From the Guidelines
The Psoriasis Area and Severity Index (PASI) and Dermatology Life Quality Index (DLQI) typically show a moderate positive correlation, meaning that as PASI scores increase, DLQI scores also tend to increase, indicating a greater impact on quality of life. This correlation is supported by the British Association of Dermatologists' guidelines for biologic therapy for psoriasis 2017 1, which suggests that patients with psoriasis requiring systemic therapy should be considered for biologic therapy if they have a large impact on physical, psychological, or social functioning, as measured by the DLQI, and meet certain disease severity criteria, including a PASI score of 10 or higher.
Key Points to Consider
- The relationship between PASI and DLQI is important because it demonstrates that the physical severity of psoriasis often affects patients' quality of life, though individual responses vary significantly 1.
- Some patients with relatively mild psoriasis according to PASI may experience substantial quality of life impairment if lesions are in visible or sensitive areas, while others with more extensive disease may report less impact on their daily functioning 1.
- The DLQI is a validated tool for measuring quality of life across all skin diseases, including psoriasis, and a score of > 10 has been shown to correlate with at least a very large effect on an individual's quality of life 1.

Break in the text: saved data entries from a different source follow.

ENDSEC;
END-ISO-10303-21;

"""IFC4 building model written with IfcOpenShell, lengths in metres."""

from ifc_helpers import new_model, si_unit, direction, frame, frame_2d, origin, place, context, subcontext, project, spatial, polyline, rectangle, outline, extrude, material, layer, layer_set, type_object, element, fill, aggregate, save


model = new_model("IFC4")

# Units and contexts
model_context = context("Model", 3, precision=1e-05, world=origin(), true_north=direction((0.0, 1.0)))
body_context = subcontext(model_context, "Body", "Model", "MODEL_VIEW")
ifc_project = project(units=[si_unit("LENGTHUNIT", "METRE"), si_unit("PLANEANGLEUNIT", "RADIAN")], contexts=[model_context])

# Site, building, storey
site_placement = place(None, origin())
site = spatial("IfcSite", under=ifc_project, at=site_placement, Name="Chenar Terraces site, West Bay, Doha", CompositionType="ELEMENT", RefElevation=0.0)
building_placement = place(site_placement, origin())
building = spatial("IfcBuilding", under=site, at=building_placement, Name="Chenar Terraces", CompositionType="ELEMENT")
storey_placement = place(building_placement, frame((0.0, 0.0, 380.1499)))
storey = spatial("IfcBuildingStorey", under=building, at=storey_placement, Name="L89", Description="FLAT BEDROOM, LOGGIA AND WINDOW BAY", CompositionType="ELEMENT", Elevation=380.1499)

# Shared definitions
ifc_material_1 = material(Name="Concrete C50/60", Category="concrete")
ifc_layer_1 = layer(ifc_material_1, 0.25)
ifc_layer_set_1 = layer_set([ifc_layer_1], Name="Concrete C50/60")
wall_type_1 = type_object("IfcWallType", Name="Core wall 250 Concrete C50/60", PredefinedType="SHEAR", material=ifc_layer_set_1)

- Clinicians should consider both PASI and DLQI measures when making treatment decisions, as improvement in both physical symptoms and quality of life represents optimal therapeutic success.
Clinical Implications
- Assessing both objective disease severity (PASI) and subjective patient experience (DLQI) is crucial when evaluating psoriasis and determining treatment approaches.
- The decision to proceed with biologic therapy should be made in collaboration with the patient, taking into account the associated risks and benefits, and considering the impact of psoriasis on the patient's quality of life, as measured by the DLQI 1.
From the Research
Correlation Between PASI and DLQI
- The correlation between the Psoriasis Area and Severity Index (PASI) and the Dermatology Life Quality Index (DLQI) has been studied in various research papers 2, 3, 4, 5, 6.

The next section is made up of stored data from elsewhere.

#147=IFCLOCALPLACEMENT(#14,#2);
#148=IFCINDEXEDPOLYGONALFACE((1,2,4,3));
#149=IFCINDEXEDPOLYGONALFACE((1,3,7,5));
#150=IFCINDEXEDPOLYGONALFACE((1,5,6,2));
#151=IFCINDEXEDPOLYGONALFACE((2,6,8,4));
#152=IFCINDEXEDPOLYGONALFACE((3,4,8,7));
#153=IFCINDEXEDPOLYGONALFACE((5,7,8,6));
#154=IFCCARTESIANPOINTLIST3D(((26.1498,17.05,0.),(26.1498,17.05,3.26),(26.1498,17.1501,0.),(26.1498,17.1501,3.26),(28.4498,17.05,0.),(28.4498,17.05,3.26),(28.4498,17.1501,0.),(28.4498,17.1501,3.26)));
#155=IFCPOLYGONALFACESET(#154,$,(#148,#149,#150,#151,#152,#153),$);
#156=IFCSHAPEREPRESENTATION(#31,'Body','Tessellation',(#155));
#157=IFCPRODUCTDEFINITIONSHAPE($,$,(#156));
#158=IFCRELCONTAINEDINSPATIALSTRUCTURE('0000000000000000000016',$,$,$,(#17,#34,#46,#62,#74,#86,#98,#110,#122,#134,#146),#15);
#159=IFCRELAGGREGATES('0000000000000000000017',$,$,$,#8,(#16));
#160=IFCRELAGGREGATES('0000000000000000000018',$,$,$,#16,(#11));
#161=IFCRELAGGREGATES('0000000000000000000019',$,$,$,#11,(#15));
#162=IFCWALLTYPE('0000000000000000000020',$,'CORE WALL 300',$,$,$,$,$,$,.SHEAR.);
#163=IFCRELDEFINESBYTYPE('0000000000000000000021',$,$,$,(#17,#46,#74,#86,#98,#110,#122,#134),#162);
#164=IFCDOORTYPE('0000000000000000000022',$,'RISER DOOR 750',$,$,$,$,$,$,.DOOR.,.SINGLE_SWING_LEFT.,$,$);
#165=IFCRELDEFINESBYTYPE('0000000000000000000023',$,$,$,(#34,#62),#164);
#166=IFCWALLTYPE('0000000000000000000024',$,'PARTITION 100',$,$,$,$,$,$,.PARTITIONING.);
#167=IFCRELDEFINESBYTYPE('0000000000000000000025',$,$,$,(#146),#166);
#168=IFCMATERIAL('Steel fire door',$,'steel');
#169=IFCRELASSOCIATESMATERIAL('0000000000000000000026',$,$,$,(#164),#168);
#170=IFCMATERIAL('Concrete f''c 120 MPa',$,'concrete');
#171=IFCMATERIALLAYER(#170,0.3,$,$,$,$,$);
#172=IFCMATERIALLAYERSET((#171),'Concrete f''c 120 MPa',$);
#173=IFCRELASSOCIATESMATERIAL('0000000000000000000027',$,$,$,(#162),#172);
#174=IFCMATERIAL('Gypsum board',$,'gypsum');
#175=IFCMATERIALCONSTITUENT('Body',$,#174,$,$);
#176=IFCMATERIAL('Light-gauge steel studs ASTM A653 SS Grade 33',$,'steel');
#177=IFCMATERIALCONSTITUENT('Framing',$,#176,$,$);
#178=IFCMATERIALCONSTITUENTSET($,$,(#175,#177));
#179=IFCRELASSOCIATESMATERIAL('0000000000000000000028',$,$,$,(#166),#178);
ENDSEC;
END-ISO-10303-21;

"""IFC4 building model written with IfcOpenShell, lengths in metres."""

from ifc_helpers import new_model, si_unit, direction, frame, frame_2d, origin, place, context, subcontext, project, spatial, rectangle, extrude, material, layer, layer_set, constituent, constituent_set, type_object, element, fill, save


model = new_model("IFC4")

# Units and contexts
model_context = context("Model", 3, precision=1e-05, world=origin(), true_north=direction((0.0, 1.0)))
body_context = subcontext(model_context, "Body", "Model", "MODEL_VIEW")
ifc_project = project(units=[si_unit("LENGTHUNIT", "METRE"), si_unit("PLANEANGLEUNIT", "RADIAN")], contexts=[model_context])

- A systematic review and meta-analysis found that PASI 90 responders had a 12% greater improvement in DLQI score compared to PASI 75-89 responders 2.
- Another study found a significant association between the PASI and DLQI scores in patients with moderate-to-severe psoriasis, with a correlation coefficient of 0.37 (P < 0.001) 5.
- A pooled analysis of four phase 3 clinical trials found that improvements in PASI scores were directly related to improvements in DLQI domain scores, with moderate to strong correlations over the sustained exposure period (β range, 0.63-0.69; all P < 0.001) 4.
- A longitudinal study found that PASI and DLQI scores were highly correlated over all time points (ρ = 0.50), and that DLQI scores significantly decreased by 0.8 units per year from 12 months to 6.5 years (P = 0.002) 6.
Factors Affecting the Correlation
- Psoriatic foot involvement was found to be the most significant contributor to the inconsistency between PASI and DLQI scores, with an odds ratio of 2.109 (95% CI: 1.581-2.815) 5.
- Other factors that affected the correlation between PASI and DLQI scores included female sex, age, psoriatic arthritis, higher income, and family history of psoriasis 5.
- Exposed lesions, such as those on the scalp, face, neck, nails, and hands, were also positively associated with severely impaired quality of life 5.
Clinical Implications
- The correlation between PASI and DLQI scores suggests that improvements in clinical efficacy are associated with improved quality of life in patients with moderate-to-severe psoriasis 2, 4.
- The findings of these studies highlight the importance of considering both clinical and quality of life outcomes when treating patients with psoriasis 2, 4, 6.